Anımsıyorum, bir yıl göz ağrısı salgını geldi, aylarca çıkmadı evimizden. On birimde sıtmaya tutuldum, altı yıl sürdü; ancak Köy Enstitüsü’nde iyileştim. Bunlar benim hastalıklı bir çocuk olmamdan değil, bakımsızlıktan. Genel olarak çok hastalanıyorduk.

Komşular takılmadan duramazdı:

“Ne olacak? Arpalar yolunurken doğan bu kadar olur!”

Sorardım anama: “Arpa tarlasında mı doğdum?”

“Sancı tarlada geldi! Dişimi sıkıp eve yetiştim!”

Kardeşlerimin doğumunu birbirine karıştırırdı. Benimkini de karıştırıyor olamaz mı?

“Niçin karıştırayım; arpalar yolunurken doğdun işte!”

Uzun süre tarlada doğduğumu sanmıştım. Böyle olmadığını anlattı: “Sancı artınca yürüdüm eve. Kendi başıma geldim. Seni doğurdum, gittim tarlaya gene!” Sözü kendi üstünde tutmak istemezdi: “Doğmak iş değil, yaşamak iş! Bu da bütünüyle senin elinde değil. Bana baksana, kimden kötüydüm şu köyde? Yoksulluğun, hem de hasta bir kocanın elinde yaşadım mı sayacaksın şimdi beni? Daha yolun başındayken aklınızı başınıza toplayın..”

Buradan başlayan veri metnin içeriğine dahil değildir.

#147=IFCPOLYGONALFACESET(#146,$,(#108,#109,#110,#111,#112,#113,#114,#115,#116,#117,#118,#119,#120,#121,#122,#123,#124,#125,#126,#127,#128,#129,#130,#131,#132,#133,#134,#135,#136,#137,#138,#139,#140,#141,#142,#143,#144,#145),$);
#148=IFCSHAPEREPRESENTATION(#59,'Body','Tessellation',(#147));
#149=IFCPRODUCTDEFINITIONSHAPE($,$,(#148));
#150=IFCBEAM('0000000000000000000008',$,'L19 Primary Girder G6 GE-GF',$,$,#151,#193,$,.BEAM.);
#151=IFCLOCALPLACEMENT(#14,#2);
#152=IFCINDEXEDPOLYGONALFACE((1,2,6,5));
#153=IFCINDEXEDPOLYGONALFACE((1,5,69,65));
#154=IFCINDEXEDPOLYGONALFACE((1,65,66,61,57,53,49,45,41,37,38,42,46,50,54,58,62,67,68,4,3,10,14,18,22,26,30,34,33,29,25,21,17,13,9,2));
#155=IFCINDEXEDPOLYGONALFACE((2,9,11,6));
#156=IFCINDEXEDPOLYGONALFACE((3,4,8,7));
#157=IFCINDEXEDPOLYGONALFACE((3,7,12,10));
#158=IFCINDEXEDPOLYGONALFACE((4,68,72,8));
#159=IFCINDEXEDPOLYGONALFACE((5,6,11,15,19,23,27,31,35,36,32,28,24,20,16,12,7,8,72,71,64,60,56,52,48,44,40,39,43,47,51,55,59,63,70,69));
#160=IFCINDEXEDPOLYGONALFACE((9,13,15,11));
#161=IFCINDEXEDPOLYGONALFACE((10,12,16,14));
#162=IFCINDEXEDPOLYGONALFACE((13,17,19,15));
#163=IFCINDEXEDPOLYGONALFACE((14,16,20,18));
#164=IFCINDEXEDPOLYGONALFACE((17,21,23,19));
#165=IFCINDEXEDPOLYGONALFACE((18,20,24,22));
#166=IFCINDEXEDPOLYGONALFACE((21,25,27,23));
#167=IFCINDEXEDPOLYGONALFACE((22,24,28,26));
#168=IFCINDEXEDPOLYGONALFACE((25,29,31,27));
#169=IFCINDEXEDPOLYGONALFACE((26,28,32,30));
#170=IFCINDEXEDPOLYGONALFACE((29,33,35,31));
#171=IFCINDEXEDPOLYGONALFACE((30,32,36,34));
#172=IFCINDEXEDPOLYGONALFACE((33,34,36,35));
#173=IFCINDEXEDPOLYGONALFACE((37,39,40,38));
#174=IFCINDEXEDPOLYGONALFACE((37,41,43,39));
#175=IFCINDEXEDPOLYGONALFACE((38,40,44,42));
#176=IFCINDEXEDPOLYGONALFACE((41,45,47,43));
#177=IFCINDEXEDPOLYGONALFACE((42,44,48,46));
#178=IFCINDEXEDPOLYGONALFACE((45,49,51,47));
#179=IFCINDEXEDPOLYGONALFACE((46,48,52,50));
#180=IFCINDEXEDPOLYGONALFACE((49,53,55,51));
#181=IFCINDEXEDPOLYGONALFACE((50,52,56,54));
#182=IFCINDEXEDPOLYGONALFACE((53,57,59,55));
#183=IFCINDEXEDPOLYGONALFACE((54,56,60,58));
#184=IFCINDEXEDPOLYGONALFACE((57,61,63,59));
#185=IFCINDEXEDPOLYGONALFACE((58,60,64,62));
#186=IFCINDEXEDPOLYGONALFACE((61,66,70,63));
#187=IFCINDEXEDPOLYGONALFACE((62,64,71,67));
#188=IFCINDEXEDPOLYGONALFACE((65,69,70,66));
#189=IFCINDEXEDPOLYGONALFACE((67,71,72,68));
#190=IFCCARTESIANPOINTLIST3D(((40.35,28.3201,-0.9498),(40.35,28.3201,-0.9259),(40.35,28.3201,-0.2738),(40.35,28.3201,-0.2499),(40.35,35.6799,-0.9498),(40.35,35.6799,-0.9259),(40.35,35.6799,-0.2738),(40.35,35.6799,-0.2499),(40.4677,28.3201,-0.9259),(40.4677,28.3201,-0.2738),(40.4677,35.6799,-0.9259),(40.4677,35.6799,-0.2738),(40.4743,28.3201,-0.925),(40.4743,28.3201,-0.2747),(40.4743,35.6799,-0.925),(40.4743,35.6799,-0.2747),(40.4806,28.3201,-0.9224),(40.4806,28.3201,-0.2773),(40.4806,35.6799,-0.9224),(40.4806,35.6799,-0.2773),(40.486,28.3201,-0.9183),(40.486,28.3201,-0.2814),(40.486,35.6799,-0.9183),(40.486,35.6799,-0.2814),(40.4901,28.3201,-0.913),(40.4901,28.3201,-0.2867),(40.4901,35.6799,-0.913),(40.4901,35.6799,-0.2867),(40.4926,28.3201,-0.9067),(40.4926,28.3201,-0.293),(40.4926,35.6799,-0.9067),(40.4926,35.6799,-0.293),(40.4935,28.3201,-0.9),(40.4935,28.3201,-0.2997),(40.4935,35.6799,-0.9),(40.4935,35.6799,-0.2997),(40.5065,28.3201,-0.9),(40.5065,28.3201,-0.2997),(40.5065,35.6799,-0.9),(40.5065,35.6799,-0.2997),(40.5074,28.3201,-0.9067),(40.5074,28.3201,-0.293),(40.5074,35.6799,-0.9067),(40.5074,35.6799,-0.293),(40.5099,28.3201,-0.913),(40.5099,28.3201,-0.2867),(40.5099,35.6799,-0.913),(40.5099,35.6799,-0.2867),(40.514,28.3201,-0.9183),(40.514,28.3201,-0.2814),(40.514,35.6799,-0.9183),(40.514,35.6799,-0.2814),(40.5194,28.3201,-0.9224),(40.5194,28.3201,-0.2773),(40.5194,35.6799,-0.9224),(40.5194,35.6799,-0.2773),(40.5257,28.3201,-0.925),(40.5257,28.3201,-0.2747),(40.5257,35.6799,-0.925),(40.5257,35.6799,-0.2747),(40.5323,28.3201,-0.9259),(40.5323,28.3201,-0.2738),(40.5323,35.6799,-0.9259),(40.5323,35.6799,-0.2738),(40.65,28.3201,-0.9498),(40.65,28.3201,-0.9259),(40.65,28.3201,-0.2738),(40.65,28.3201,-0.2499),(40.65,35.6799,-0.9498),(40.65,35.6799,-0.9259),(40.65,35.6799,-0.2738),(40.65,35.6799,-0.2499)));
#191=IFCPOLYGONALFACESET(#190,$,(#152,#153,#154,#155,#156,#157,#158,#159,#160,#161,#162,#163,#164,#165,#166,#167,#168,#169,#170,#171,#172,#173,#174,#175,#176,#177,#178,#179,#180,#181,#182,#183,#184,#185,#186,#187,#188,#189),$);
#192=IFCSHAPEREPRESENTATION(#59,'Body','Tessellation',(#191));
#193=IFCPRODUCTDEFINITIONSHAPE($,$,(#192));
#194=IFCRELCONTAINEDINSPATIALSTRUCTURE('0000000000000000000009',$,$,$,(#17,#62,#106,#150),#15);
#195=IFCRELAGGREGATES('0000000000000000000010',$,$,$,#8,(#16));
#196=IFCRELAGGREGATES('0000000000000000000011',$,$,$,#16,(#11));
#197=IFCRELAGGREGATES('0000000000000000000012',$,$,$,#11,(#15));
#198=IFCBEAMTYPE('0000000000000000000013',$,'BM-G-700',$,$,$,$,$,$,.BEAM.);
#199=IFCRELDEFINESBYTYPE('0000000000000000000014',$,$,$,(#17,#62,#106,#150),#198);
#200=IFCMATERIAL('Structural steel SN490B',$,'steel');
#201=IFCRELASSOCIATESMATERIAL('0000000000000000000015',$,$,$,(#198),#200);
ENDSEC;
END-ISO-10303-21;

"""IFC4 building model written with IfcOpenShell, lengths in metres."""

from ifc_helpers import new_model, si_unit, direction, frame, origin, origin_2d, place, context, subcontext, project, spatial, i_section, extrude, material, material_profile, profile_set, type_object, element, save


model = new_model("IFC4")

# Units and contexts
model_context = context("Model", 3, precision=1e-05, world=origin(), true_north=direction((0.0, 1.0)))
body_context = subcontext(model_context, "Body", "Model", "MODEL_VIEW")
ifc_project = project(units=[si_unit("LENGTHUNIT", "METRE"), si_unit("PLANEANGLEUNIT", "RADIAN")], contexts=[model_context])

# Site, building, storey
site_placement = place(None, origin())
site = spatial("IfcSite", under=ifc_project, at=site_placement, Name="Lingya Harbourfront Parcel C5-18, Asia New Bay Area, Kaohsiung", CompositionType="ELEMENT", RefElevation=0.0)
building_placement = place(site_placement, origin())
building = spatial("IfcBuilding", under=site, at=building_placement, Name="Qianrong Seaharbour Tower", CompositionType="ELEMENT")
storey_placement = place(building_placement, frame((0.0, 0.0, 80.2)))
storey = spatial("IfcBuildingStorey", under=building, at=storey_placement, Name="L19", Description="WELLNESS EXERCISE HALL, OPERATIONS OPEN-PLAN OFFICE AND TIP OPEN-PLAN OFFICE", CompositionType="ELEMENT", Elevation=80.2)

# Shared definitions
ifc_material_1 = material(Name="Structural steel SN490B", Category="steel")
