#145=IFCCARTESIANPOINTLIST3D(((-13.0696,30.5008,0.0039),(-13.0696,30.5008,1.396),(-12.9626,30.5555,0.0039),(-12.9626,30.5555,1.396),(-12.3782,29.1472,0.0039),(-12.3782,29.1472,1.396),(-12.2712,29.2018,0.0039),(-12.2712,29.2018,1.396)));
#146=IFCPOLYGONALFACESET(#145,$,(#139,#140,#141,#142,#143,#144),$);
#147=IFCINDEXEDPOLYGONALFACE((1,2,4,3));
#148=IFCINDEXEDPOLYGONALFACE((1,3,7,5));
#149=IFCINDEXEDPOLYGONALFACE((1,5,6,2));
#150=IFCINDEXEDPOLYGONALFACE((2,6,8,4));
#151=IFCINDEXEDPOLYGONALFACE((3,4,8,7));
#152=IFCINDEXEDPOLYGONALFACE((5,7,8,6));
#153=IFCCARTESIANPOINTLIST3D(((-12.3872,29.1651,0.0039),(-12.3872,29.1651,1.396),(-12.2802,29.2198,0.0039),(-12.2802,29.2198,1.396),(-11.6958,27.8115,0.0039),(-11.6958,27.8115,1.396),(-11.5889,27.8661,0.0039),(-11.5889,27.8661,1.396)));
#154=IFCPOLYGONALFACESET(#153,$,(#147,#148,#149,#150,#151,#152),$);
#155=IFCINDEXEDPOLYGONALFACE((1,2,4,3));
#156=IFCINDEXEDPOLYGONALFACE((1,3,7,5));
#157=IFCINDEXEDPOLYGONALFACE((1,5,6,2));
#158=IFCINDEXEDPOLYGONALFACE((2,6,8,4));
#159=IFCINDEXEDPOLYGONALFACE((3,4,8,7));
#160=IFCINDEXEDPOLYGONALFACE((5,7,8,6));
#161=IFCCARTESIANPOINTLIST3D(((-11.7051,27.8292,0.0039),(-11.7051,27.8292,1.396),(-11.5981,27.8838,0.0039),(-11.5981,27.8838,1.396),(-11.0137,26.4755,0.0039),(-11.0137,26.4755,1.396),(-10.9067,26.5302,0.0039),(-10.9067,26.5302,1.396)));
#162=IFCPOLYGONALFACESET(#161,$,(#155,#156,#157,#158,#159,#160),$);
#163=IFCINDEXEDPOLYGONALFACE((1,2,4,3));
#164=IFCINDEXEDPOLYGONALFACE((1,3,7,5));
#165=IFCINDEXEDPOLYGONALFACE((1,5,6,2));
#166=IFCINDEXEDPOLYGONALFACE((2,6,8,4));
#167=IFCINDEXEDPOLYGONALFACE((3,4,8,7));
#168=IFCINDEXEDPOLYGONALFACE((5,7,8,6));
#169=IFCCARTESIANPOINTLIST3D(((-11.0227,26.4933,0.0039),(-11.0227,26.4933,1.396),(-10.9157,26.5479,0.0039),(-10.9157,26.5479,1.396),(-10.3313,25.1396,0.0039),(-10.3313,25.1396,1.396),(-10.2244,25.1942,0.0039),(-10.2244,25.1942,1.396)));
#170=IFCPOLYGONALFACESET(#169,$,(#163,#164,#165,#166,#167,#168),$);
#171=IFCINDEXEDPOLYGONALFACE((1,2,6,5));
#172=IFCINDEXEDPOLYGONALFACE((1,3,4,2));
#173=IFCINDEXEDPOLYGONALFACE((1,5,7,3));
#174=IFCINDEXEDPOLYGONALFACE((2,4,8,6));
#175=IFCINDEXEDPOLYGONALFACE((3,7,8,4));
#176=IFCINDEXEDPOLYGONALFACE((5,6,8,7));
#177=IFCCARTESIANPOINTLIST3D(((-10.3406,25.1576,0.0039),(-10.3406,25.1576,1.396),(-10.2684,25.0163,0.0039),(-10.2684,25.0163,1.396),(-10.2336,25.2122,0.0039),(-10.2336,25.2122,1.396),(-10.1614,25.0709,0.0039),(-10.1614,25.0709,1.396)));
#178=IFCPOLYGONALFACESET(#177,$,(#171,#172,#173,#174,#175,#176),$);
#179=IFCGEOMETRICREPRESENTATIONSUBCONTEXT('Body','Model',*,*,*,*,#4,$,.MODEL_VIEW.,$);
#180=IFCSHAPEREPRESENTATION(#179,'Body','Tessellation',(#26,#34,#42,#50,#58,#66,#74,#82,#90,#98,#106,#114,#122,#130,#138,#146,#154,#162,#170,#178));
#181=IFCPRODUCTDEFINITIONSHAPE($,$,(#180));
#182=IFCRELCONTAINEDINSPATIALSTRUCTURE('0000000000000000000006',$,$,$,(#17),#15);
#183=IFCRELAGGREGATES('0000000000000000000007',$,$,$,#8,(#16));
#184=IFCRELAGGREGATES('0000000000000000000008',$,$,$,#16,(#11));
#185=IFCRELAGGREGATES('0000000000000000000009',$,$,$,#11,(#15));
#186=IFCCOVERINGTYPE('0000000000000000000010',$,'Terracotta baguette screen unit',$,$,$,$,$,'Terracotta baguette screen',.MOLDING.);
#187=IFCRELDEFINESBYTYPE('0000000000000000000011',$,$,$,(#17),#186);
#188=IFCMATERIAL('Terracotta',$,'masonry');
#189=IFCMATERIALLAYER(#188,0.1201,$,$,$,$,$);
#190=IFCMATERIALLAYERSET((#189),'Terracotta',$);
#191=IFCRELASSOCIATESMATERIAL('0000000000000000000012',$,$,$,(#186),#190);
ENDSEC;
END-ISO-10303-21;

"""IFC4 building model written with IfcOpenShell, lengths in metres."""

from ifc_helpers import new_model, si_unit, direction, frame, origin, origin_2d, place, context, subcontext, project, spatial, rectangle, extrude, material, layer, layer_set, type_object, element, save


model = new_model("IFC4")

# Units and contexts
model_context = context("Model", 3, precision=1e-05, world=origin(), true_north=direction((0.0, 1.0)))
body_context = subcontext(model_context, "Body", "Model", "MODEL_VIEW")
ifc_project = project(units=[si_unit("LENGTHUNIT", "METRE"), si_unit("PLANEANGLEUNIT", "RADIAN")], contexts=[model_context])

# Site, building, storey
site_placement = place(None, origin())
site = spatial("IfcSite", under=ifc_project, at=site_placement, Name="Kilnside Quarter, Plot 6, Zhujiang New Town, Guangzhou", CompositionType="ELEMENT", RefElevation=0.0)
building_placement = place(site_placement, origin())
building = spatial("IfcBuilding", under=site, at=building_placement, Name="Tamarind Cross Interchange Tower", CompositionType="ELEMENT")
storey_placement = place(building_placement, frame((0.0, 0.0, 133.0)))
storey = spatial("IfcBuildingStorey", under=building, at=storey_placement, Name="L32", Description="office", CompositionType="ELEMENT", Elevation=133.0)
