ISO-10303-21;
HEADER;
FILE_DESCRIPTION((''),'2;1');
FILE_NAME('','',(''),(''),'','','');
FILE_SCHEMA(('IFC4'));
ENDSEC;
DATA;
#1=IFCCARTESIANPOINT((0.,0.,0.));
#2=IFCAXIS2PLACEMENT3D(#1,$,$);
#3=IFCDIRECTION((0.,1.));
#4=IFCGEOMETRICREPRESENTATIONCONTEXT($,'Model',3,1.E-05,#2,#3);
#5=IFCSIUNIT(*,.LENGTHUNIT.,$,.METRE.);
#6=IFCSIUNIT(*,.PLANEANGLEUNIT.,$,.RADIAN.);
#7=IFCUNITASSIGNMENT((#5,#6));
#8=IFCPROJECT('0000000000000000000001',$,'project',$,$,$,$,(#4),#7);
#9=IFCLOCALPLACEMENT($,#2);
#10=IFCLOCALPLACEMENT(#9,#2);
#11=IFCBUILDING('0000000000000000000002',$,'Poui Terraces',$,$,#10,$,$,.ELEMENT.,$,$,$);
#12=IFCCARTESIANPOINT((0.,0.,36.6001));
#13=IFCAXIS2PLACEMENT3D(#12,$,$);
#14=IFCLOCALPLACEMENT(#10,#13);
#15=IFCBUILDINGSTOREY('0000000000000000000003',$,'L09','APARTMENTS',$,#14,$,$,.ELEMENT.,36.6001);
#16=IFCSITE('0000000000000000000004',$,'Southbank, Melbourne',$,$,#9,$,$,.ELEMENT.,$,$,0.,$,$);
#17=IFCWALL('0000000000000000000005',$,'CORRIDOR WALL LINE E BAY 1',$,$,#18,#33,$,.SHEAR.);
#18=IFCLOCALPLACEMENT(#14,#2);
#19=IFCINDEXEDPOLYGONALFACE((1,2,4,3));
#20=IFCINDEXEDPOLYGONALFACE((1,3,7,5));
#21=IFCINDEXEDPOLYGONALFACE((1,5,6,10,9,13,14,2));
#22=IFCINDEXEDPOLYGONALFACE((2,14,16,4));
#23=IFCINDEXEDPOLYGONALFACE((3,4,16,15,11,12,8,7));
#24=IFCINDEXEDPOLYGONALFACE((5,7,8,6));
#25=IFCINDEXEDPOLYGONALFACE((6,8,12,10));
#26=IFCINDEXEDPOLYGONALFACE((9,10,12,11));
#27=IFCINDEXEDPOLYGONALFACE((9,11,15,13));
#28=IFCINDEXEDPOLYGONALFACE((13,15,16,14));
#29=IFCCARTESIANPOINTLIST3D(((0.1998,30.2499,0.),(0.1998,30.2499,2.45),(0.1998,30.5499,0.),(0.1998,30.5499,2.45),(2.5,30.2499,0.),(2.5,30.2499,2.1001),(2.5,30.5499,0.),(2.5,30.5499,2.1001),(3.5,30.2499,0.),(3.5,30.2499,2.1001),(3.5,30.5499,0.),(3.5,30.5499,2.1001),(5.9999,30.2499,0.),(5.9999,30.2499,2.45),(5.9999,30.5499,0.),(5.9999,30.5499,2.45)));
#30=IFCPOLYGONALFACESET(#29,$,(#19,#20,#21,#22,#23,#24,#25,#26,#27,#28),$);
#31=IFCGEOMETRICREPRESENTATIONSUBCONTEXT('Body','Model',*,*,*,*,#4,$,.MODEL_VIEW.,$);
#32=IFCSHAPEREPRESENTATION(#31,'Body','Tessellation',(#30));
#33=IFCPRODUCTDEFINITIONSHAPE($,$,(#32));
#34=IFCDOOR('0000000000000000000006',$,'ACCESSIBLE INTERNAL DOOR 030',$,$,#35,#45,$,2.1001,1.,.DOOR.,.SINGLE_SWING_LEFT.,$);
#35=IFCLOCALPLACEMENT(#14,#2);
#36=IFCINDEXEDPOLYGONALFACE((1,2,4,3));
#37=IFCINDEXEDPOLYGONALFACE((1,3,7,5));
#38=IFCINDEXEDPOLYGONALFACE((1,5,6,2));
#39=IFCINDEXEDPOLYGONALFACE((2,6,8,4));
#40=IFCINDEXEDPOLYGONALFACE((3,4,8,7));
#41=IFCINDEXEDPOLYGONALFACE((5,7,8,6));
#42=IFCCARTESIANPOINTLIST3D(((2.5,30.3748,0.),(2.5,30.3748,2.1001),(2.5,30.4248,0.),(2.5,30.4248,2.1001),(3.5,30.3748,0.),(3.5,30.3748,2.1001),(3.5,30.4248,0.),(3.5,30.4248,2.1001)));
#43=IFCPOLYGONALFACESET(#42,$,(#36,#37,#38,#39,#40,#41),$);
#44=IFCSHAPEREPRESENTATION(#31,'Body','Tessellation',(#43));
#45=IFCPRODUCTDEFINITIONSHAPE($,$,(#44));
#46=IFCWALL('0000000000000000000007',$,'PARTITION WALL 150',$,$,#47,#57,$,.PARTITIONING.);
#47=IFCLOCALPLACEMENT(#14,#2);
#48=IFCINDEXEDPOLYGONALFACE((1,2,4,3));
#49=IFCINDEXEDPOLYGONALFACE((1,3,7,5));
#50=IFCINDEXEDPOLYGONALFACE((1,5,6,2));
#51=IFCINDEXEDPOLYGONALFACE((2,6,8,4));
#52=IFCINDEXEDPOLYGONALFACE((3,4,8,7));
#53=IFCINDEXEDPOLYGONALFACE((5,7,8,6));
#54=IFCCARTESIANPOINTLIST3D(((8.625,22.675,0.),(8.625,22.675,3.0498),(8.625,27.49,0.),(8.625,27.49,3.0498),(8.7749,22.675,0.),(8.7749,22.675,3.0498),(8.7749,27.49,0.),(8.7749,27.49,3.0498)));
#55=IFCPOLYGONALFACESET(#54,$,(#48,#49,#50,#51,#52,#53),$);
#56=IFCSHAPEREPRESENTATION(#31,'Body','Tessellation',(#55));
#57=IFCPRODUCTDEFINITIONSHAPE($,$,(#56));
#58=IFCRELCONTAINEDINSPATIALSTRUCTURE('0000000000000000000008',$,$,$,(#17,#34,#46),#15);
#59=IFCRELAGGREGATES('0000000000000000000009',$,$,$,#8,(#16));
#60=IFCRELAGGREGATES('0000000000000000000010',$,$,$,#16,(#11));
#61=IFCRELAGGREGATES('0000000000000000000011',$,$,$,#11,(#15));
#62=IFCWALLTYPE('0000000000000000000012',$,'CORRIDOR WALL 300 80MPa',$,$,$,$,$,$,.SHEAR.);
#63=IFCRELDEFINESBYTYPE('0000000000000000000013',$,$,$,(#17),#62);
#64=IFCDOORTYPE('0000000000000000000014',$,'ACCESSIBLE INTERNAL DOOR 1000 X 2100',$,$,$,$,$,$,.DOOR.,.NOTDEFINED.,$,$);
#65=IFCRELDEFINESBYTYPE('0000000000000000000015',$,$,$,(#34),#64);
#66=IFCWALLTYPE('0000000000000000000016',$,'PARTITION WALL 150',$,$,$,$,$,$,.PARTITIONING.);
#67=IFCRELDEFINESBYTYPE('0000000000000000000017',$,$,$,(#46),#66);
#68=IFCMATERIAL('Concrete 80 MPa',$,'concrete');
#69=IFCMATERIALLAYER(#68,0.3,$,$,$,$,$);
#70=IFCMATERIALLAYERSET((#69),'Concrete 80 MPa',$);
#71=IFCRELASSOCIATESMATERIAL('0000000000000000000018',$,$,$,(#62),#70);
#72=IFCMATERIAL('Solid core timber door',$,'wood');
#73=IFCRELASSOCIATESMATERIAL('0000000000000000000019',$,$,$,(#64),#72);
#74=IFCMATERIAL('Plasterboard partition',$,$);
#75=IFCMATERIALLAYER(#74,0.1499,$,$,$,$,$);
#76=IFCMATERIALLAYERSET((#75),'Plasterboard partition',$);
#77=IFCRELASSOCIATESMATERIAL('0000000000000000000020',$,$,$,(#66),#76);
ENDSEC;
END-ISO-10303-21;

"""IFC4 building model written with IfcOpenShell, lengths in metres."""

from ifc_helpers import new_model, si_unit, direction, frame, frame_2d, origin, place, context, subcontext, project, spatial, rectangle, extrude, material, layer, layer_set, type_object, element, fill, save


model = new_model("IFC4")

# Units and contexts
model_context = context("Model", 3, precision=1e-05, world=origin(), true_north=direction((0.0, 1.0)))
body_context = subcontext(model_context, "Body", "Model", "MODEL_VIEW")
ifc_project = project(units=[si_unit("LENGTHUNIT", "METRE"), si_unit("PLANEANGLEUNIT", "RADIAN")], contexts=[model_context])

# Site, building, storey
site_placement = place(None, origin())
site = spatial("IfcSite", under=ifc_project, at=site_placement, Name="Southbank, Melbourne", CompositionType="ELEMENT", RefElevation=0.0)
building_placement = place(site_placement, origin())
building = spatial("IfcBuilding", under=site, at=building_placement, Name="Poui Terraces", CompositionType="ELEMENT")
storey_placement = place(building_placement, frame((0.0, 0.0, 36.6001)))
storey = spatial("IfcBuildingStorey", under=building, at=storey_placement, Name="L09", Description="APARTMENTS", CompositionType="ELEMENT", Elevation=36.6001)

# Wall, opening, door
ifc_material_1 = material(Name="Concrete 80 MPa", Category="concrete")
ifc_layer_1 = layer(ifc_material_1, 0.3)
ifc_layer_set_1 = layer_set([ifc_layer_1], Name="Concrete 80 MPa")
wall_type_1 = type_object("IfcWallType", Name="CORRIDOR WALL 300 80MPa", PredefinedType="SHEAR", material=ifc_layer_set_1)
wall_1_placement = place(storey_placement, frame((0.2, 30.3999, 0.0), z_axis=(0.0, 0.0, 1.0), x_axis=(1.0, 0.0, 0.0)))
wall_1 = element("IfcWall", 1, at=wall_1_placement, inside=storey, type_object=wall_type_1, Name="CORRIDOR WALL LINE E BAY 1", PredefinedType="SHEAR", context=body_context, shape_type="SweptSolid", body=[
    extrude(rectangle(XDim=5.8, YDim=0.3, at=frame_2d((2.8999, 0.0))), origin(), (0.0, 0.0, 1.0), 2.45),
])
opening_1_placement = place(wall_1_placement, frame((2.3, 0.0, 0.0)))
opening_1 = element("IfcOpeningElement", 2, at=opening_1_placement, cuts=wall_1, PredefinedType="OPENING", context=body_context, shape_type="SweptSolid", body=[
    extrude(rectangle(XDim=1.0, YDim=2.1001, at=frame_2d((0.5, 1.05))), frame((0.0, 0.1602, 0.0), z_axis=(0.0, -1.0, 0.0), x_axis=(1.0, 0.0, 0.0)), (0.0, 0.0, 1.0), 0.3201),
])
ifc_material_2 = material(Name="Solid core timber door", Category="wood")
door_type_1 = type_object("IfcDoorType", Name="ACCESSIBLE INTERNAL DOOR 1000 X 2100", OperationType="NOTDEFINED", PredefinedType="DOOR", material=ifc_material_2)
door_1_placement = place(opening_1_placement, origin())
door_1 = element("IfcDoor", 3, at=door_1_placement, inside=storey, type_object=door_type_1, Name="ACCESSIBLE INTERNAL DOOR 030", OperationType="SINGLE_SWING_LEFT", OverallHeight=2.1001, OverallWidth=1.0, PredefinedType="DOOR", context=body_context, shape_type="SweptSolid", body=[
    extrude(rectangle(XDim=1.0, YDim=2.1001, at=frame_2d((0.5, 1.05))), frame((0.0, 0.0249, 0.0), z_axis=(0.0, -1.0, 0.0), x_axis=(1.0, 0.0, 0.0)), (0.0, 0.0, 1.0), 0.05),
])
fill(opening_1, door_1)

# Wall
ifc_material_3 = material(Name="Plasterboard partition")
ifc_layer_2 = layer(ifc_material_3, 0.1499)
ifc_layer_set_2 = layer_set([ifc_layer_2], Name="Plasterboard partition")
wall_type_2 = type_object("IfcWallType", Name="PARTITION WALL 150", PredefinedType="PARTITIONING", material=ifc_layer_set_2)
wall_2_placement = place(storey_placement, frame((8.7, 22.675, 0.0), z_axis=(0.0, 0.0, 1.0), x_axis=(0.0, 1.0, 0.0)))
element("IfcWall", 4, at=wall_2_placement, inside=storey, type_object=wall_type_2, Name="PARTITION WALL 150", PredefinedType="PARTITIONING", context=body_context, shape_type="SweptSolid", body=[
    extrude(rectangle(XDim=4.8149, YDim=0.1499, at=frame_2d((2.4075, 0.0))), origin(), (0.0, 0.0, 1.0), 3.0498),
])

save(model, "model.ifc")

Öğütlerini bitirdi mi, yıldızlara geçerdi:

“Gerçi inanmıyorsunuz, ama her insanın bir yıldızı olur. Kendi doğunca, yukarıda o da belirir. Elbet seninki de belirdi. Ama kimbilir hangisi? Kaç bin yıldız var gökte? Hele Akçaköy’ün üstü maşallah çil çil yıldız dolu! Acaba hangisi Tahir’imin yıldızı? diye çok bakındım. Doğar doğmaz bakmalıymış! Acıdan sancıdan nasıl bakacaksın! Hem de gündüz nerde gökte yıldız?”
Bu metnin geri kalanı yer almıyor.